Early Prognosis and Recovery Timeline After SAH
Families often expect rapid improvement, but SAH recovery is slow and unpredictable. Families should not expect daily improvement; instead, the trajectory is usually measured in weeks, not days.
Typical sequence:
- first 1–3 days: stabilization, preventing rebleeding
- days 3–9: vasospasm danger zone
- second and third week: gradual neurological improvement
- weeks to months: rehabilitation and long-term recovery
Definitive prognosis usually becomes clearer after 7–14 days.
In the most severe cases, particularly when massive subarachnoid hemorrhage leads to global brain injury, irreversible brainstem failure may occur. This is the key clinical criterion used to diagnose brain death. A clear explanation of what brain death means and how it is clinically confirmed is provided here.
Recurrence After Coiling or Clipping — What Families Should Know
Securing the aneurysm (coiling or clipping) is designed to permanently eliminate the risk of re-rupture.
However, a small percentage of patients can develop recurrence, and this depends on the type of treatment and the anatomy of the aneurysm.
Coiled Aneurysms — Small Risk of Re-Opening Over Time
Endovascular coiling fills the aneurysm sac with soft platinum coils.
With time, in 5–20% of cases, a part of the aneurysm may:
- re-open (recanalize)
- partially fill with blood again
- or continue to grow at the neck
This is more common when:
- the aneurysm has a wide neck,
- the aneurysm was large or giant,
- the packing density of coils was lower (common in large sacs),
- or when there is higher blood-flow pressure at the aneurysm site.
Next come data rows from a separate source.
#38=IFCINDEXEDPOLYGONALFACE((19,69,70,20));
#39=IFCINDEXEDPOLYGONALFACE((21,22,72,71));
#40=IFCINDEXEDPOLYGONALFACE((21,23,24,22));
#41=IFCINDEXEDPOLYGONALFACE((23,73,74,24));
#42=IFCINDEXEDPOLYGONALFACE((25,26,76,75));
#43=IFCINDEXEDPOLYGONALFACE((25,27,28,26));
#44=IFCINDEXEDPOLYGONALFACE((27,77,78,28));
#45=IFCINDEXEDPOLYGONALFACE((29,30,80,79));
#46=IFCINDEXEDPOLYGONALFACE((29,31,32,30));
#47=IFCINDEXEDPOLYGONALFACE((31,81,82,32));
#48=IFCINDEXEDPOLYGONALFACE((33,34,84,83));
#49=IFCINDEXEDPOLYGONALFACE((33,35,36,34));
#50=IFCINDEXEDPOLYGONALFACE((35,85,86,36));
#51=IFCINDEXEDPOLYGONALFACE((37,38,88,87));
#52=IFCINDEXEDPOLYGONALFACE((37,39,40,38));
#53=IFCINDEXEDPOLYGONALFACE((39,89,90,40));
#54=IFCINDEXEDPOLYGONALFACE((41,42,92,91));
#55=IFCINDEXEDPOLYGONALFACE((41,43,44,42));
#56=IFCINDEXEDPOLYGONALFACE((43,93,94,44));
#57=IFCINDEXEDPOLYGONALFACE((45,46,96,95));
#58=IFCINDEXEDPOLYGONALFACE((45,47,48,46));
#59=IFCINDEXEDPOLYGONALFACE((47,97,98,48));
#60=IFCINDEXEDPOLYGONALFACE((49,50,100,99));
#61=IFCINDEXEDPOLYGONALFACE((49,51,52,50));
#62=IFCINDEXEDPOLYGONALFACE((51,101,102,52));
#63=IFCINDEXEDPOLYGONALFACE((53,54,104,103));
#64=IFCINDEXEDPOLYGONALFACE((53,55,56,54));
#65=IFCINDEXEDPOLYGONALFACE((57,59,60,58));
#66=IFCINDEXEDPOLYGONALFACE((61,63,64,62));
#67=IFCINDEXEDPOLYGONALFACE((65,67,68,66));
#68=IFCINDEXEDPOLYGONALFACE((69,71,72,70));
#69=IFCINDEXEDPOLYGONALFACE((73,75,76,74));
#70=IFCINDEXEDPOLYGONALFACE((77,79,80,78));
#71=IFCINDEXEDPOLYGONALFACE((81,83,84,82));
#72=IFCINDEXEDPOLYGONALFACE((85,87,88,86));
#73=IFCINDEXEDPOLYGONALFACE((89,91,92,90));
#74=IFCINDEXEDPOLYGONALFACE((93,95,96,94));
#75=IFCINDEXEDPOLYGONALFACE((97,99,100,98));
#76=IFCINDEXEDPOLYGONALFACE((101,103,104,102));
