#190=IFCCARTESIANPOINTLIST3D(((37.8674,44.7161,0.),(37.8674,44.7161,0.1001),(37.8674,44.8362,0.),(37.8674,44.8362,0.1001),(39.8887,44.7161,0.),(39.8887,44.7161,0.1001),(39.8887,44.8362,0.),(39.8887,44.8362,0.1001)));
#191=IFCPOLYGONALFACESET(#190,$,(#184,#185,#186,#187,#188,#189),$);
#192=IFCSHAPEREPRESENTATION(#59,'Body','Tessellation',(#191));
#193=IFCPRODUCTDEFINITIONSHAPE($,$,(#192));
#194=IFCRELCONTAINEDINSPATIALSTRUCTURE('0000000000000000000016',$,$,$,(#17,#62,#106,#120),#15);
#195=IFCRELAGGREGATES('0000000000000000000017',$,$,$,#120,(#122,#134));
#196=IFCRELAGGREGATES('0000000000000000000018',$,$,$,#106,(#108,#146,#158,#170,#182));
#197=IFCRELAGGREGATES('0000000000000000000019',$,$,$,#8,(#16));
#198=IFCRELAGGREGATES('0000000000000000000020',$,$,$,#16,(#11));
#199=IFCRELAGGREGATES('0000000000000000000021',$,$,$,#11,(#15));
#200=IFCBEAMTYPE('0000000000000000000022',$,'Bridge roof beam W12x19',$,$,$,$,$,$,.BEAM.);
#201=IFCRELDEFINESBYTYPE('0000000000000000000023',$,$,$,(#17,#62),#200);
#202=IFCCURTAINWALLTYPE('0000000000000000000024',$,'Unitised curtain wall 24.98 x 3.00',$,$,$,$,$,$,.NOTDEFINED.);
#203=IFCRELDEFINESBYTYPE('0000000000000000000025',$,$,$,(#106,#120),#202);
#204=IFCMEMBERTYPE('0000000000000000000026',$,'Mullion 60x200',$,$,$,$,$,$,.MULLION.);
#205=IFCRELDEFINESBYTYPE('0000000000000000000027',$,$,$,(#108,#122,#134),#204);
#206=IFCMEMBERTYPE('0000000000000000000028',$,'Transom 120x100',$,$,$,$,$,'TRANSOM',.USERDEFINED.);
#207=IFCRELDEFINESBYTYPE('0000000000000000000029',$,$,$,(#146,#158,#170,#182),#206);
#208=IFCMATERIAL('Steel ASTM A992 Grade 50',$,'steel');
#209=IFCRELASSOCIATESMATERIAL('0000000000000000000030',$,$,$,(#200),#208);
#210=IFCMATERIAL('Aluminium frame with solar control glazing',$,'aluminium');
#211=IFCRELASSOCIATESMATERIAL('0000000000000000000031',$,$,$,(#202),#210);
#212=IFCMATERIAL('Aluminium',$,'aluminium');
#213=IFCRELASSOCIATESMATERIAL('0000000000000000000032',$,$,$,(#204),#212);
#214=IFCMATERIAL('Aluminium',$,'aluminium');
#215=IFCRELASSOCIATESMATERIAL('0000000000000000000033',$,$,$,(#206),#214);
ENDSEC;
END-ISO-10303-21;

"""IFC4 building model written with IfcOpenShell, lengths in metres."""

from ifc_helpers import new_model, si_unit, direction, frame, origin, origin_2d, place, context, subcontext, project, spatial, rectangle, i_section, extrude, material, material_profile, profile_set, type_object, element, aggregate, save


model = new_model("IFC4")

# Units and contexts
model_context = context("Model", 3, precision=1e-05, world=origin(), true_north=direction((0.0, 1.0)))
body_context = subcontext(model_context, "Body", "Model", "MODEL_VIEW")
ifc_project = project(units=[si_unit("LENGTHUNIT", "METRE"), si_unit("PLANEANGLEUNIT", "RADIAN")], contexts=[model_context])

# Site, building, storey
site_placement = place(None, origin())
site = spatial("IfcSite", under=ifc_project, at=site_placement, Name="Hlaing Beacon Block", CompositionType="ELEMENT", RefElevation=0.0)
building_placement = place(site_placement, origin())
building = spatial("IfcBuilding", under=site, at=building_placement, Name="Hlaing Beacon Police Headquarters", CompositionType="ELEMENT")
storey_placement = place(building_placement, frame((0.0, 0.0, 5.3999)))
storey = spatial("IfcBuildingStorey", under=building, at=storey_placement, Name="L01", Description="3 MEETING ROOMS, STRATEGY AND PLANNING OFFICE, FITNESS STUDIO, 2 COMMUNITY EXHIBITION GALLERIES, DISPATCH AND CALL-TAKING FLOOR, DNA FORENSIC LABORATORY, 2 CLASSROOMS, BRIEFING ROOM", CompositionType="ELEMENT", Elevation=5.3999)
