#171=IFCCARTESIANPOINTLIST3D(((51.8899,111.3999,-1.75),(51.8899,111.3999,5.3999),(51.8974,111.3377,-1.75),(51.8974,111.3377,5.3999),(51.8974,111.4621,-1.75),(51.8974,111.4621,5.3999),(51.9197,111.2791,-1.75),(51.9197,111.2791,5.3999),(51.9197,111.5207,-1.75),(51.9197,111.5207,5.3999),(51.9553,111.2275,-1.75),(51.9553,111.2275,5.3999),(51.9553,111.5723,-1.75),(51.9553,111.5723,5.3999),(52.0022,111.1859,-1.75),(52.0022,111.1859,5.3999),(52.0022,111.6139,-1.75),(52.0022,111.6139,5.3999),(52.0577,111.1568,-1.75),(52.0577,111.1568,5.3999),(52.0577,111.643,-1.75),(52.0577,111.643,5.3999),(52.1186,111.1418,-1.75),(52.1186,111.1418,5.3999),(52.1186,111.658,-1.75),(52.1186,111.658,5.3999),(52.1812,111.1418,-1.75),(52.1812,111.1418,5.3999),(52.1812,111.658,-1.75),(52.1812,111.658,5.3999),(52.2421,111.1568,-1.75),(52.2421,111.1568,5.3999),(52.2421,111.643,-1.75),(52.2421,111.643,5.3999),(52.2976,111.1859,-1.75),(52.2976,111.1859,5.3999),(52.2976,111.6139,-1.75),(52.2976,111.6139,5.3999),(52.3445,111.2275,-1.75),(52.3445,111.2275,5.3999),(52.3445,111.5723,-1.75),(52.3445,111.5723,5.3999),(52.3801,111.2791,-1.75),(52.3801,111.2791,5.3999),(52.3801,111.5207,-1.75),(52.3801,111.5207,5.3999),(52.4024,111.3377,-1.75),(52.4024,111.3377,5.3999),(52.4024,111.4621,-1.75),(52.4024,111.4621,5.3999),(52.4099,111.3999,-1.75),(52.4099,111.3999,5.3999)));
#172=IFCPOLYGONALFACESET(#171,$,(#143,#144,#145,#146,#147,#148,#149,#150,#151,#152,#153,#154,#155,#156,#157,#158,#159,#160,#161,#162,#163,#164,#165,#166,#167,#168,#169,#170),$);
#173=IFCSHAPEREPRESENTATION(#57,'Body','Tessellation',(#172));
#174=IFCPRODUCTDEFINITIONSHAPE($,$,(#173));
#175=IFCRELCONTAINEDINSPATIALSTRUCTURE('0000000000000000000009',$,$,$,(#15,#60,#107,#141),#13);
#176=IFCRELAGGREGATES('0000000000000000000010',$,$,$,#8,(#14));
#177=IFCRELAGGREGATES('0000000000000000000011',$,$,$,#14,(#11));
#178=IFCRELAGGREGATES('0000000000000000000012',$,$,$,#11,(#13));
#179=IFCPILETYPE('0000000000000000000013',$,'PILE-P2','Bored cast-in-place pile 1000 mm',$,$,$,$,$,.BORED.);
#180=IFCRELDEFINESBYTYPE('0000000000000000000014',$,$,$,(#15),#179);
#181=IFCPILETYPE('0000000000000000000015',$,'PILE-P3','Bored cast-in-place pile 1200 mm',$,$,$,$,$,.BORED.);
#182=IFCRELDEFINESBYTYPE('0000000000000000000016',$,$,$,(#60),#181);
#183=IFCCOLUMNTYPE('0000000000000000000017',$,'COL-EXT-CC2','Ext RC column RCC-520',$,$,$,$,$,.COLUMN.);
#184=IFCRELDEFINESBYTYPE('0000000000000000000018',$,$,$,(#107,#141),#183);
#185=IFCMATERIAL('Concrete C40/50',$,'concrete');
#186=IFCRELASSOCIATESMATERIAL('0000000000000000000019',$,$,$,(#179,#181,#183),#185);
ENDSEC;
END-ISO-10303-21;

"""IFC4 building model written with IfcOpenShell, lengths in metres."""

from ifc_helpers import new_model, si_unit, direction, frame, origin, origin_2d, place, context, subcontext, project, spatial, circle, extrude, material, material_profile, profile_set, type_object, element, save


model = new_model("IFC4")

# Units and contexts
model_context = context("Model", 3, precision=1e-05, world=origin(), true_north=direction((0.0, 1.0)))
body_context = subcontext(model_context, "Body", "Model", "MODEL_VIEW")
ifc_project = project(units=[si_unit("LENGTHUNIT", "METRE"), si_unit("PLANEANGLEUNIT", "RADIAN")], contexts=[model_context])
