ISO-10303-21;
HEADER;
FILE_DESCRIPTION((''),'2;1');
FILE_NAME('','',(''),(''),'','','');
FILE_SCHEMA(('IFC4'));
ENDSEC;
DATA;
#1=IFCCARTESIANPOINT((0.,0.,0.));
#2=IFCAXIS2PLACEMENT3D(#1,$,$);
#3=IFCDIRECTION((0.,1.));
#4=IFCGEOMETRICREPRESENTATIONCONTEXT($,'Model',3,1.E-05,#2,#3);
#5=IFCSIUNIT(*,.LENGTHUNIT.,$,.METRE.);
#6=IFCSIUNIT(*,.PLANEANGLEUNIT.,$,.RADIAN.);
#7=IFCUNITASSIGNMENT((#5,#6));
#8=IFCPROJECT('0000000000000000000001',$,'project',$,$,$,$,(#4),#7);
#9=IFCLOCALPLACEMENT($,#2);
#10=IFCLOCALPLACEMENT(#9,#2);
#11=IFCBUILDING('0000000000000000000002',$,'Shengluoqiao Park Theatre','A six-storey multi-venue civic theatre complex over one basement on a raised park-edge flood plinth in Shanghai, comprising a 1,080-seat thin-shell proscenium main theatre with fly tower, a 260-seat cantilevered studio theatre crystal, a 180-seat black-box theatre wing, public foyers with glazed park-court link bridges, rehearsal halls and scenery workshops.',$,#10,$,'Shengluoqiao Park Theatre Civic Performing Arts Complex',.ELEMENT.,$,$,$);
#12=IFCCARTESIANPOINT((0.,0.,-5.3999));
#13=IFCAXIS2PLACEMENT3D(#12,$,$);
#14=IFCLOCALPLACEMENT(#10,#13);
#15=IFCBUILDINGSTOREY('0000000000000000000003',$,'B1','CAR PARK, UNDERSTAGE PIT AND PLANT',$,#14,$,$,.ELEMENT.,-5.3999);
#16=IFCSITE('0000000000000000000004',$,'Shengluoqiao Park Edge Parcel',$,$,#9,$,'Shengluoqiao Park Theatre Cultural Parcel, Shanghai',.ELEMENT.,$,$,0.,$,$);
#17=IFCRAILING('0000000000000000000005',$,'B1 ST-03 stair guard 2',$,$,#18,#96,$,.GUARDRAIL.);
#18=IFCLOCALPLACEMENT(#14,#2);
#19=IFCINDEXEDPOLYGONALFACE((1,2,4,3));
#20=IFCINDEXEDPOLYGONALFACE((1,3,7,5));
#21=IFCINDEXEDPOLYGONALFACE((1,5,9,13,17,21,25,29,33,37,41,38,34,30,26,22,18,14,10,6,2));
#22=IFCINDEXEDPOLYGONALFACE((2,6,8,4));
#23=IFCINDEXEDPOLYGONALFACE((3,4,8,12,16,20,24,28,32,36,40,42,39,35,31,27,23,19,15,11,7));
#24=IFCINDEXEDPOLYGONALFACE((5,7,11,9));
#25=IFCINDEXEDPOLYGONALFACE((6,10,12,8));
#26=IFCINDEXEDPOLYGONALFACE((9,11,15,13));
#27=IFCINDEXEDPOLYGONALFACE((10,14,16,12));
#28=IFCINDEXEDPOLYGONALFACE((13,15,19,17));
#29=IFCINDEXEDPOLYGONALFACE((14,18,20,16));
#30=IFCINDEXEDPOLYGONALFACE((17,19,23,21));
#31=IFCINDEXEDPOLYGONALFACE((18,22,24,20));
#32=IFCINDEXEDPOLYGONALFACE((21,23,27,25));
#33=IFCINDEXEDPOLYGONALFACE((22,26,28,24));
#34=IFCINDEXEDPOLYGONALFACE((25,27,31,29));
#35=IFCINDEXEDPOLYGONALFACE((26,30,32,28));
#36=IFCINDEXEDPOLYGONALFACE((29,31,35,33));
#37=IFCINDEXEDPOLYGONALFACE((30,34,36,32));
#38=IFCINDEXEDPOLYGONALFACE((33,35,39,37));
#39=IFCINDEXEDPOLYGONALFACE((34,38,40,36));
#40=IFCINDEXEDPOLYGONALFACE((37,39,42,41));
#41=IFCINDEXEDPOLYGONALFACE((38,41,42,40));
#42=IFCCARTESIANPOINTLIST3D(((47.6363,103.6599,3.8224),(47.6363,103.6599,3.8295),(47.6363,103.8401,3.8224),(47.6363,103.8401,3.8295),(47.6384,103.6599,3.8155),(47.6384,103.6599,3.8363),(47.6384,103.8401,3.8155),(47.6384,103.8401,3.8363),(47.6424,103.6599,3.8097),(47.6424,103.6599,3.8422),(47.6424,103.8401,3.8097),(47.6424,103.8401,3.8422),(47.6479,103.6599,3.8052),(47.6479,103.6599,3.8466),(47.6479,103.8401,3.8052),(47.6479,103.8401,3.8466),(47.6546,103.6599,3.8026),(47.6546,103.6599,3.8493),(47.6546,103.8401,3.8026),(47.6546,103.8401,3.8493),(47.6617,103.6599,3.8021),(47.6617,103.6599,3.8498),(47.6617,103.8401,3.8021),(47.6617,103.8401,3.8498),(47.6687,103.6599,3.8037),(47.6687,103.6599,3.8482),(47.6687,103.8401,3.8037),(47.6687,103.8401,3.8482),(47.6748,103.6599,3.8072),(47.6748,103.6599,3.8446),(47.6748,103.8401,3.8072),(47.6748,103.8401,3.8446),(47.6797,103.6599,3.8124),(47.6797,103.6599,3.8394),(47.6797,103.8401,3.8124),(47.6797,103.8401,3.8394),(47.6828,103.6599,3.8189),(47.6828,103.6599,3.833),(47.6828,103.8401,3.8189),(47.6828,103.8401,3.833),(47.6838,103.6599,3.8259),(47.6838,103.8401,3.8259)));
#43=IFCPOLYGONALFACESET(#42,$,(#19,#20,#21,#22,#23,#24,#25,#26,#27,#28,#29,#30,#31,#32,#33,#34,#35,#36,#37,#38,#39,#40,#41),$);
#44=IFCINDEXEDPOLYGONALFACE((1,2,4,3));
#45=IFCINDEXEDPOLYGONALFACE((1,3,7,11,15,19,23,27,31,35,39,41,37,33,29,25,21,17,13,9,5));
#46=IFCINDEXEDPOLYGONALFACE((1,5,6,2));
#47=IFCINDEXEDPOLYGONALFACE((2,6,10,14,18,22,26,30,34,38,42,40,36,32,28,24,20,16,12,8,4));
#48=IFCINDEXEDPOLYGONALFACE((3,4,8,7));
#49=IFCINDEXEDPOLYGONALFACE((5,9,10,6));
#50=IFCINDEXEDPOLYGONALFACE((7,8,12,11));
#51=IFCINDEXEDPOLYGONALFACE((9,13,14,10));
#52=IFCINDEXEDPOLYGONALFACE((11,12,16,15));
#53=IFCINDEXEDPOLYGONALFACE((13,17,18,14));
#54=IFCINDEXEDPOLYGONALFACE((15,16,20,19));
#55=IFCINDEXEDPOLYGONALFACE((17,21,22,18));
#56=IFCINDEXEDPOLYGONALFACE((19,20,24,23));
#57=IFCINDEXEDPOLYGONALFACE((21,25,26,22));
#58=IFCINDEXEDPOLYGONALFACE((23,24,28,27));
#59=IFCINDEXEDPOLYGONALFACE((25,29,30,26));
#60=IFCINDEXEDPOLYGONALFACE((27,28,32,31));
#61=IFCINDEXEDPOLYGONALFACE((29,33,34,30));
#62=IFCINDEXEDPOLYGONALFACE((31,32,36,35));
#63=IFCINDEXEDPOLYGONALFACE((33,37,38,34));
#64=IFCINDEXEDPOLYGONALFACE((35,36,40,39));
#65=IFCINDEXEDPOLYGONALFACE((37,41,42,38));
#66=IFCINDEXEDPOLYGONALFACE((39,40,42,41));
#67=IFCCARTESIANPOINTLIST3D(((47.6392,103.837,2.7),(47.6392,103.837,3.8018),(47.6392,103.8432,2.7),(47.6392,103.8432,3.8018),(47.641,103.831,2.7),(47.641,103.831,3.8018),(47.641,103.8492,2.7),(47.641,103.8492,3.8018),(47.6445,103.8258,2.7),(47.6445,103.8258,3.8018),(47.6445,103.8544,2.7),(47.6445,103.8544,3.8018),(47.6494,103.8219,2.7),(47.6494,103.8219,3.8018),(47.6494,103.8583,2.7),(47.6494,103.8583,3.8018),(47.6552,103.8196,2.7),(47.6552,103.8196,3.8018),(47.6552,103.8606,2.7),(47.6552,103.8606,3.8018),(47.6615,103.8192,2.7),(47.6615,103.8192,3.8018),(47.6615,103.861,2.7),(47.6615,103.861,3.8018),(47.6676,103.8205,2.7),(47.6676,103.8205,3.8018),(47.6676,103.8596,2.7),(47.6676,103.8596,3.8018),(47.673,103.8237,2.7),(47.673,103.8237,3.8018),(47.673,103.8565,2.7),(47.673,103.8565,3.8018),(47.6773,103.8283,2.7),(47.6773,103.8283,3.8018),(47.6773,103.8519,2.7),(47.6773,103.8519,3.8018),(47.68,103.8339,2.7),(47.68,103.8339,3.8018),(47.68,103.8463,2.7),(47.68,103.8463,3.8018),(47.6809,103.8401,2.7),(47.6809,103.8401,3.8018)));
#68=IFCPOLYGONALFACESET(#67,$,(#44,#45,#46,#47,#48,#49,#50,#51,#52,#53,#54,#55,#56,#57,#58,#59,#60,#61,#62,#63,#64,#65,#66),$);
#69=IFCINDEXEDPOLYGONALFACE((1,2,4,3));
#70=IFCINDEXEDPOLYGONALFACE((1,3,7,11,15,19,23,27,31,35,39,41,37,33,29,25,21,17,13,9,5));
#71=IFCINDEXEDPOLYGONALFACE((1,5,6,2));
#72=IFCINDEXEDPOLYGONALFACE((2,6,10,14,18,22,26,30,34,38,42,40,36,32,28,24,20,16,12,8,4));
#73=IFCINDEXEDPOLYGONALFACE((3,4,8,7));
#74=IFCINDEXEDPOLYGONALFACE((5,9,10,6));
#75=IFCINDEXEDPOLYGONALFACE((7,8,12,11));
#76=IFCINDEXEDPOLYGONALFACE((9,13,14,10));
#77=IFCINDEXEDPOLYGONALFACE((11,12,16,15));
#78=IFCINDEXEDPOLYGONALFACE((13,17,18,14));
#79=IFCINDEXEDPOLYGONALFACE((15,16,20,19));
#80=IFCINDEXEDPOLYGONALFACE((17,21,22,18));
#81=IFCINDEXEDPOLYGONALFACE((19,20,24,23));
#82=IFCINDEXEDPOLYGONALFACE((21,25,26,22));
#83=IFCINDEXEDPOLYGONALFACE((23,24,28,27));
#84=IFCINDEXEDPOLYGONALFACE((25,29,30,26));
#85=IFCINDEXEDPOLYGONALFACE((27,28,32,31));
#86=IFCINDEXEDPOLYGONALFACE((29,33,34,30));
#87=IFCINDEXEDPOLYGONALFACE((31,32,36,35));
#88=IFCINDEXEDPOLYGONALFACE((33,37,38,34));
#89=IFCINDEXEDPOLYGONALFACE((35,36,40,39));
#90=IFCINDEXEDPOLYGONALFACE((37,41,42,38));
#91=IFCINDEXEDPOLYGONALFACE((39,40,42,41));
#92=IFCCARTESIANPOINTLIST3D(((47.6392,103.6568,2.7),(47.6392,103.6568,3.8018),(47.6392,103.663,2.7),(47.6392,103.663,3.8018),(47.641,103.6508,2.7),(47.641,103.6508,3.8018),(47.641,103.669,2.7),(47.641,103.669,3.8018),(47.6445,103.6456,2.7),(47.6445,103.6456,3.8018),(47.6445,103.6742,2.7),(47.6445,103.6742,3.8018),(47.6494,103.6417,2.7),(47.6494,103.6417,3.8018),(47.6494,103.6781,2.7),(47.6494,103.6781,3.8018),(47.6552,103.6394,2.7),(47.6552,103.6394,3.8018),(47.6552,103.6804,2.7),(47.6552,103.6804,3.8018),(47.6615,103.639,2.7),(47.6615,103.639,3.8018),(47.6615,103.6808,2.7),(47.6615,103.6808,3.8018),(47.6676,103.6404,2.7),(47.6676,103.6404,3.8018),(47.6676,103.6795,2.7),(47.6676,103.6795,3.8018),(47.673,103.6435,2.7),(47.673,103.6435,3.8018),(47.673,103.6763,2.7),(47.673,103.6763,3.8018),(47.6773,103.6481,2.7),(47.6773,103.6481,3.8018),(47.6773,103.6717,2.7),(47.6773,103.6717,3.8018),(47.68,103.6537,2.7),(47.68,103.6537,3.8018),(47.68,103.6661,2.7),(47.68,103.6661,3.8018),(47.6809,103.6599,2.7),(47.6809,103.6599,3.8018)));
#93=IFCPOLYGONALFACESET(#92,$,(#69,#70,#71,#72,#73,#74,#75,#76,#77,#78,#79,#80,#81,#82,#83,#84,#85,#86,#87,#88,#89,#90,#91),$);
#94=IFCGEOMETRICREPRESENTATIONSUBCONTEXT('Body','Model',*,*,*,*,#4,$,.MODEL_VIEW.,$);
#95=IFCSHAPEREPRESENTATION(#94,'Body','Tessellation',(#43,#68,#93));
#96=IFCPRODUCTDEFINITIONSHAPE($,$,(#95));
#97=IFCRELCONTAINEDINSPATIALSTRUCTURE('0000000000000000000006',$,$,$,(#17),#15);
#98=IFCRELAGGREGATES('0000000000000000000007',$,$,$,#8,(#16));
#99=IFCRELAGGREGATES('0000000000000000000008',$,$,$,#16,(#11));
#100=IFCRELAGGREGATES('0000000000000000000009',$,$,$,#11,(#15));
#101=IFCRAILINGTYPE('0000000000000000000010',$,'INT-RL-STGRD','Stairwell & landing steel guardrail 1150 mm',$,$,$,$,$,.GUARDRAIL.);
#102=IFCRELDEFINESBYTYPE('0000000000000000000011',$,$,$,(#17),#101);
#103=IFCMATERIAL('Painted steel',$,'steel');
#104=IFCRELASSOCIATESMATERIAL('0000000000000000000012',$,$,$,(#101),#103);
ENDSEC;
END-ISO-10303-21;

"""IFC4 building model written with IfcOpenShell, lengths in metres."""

from ifc_helpers import new_model, si_unit, direction, frame, origin, origin_2d, place, context, subcontext, project, spatial, circle, extrude, material, type_object, element, save


model = new_model("IFC4")

# Units and contexts
model_context = context("Model", 3, precision=1e-05, world=origin(), true_north=direction((0.0, 1.0)))
body_context = subcontext(model_context, "Body", "Model", "MODEL_VIEW")
ifc_project = project(units=[si_unit("LENGTHUNIT", "METRE"), si_unit("PLANEANGLEUNIT", "RADIAN")], contexts=[model_context])

# Site, building, storey
site_placement = place(None, origin())
site = spatial("IfcSite", under=ifc_project, at=site_placement, Name="Shengluoqiao Park Edge Parcel", LongName="Shengluoqiao Park Theatre Cultural Parcel, Shanghai", CompositionType="ELEMENT", RefElevation=0.0)
building_placement = place(site_placement, origin())
building = spatial("IfcBuilding", under=site, at=building_placement, Name="Shengluoqiao Park Theatre", Description="A six-storey multi-venue civic theatre complex over one basement on a raised park-edge flood plinth in Shanghai, comprising a 1,080-seat thin-shell proscenium main theatre with fly tower, a 260-seat cantilevered studio theatre crystal, a 180-seat black-box theatre wing, public foyers with glazed park-court link bridges, rehearsal halls and scenery workshops.", LongName="Shengluoqiao Park Theatre Civic Performing Arts Complex", CompositionType="ELEMENT")
storey_placement = place(building_placement, frame((0.0, 0.0, -5.3999)))
storey = spatial("IfcBuildingStorey", under=building, at=storey_placement, Name="B1", Description="CAR PARK, UNDERSTAGE PIT AND PLANT", CompositionType="ELEMENT", Elevation=-5.3999)

# Railing
ifc_material_1 = material(Name="Painted steel", Category="steel")
railing_type_1 = type_object("IfcRailingType", Name="INT-RL-STGRD", Description="Stairwell & landing steel guardrail 1150 mm", PredefinedType="GUARDRAIL", material=ifc_material_1)
railing_1_placement = place(storey_placement, frame((47.6599, 103.8401, 2.7)))
element("IfcRailing", 1, at=railing_1_placement, inside=storey, type_object=railing_type_1, Name="B1 ST-03 stair guard 2", PredefinedType="GUARDRAIL", context=body_context, shape_type="SweptSolid", body=[
    extrude(circle(Radius=0.0239, at=origin_2d()), frame((0.0, 0.0, 1.126), z_axis=(0.0, -1.0, 0.0), x_axis=(1.0, 0.0, 0.0)), (0.0, 0.0, 1.0), 0.1802),
    extrude(circle(Radius=0.021, at=origin_2d()), origin(), (0.0, 0.0, 1.0), 1.1018),
    extrude(circle(Radius=0.021, at=origin_2d()), frame((0.0, -0.1802, 0.0)), (0.0, 0.0, 1.0), 1.1018),
])

save(model, "model.ifc")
Most recurrences are small and do NOT require new treatment, but some may need additional coiling or stent-assisted coiling.
Clipped Aneurysms — Very Low Recurrence, But Not Zero
Microsurgical clipping is a durable method: the clip closes the neck and usually eliminates recurrence. However:
- if the clip does not completely close the neck (residual neck),
- or if the aneurysm wall continues to weaken at the edge of the clip,
then a tiny remnant may grow (very rare). Long-term recurrence after clipping is estimated at 1–3%.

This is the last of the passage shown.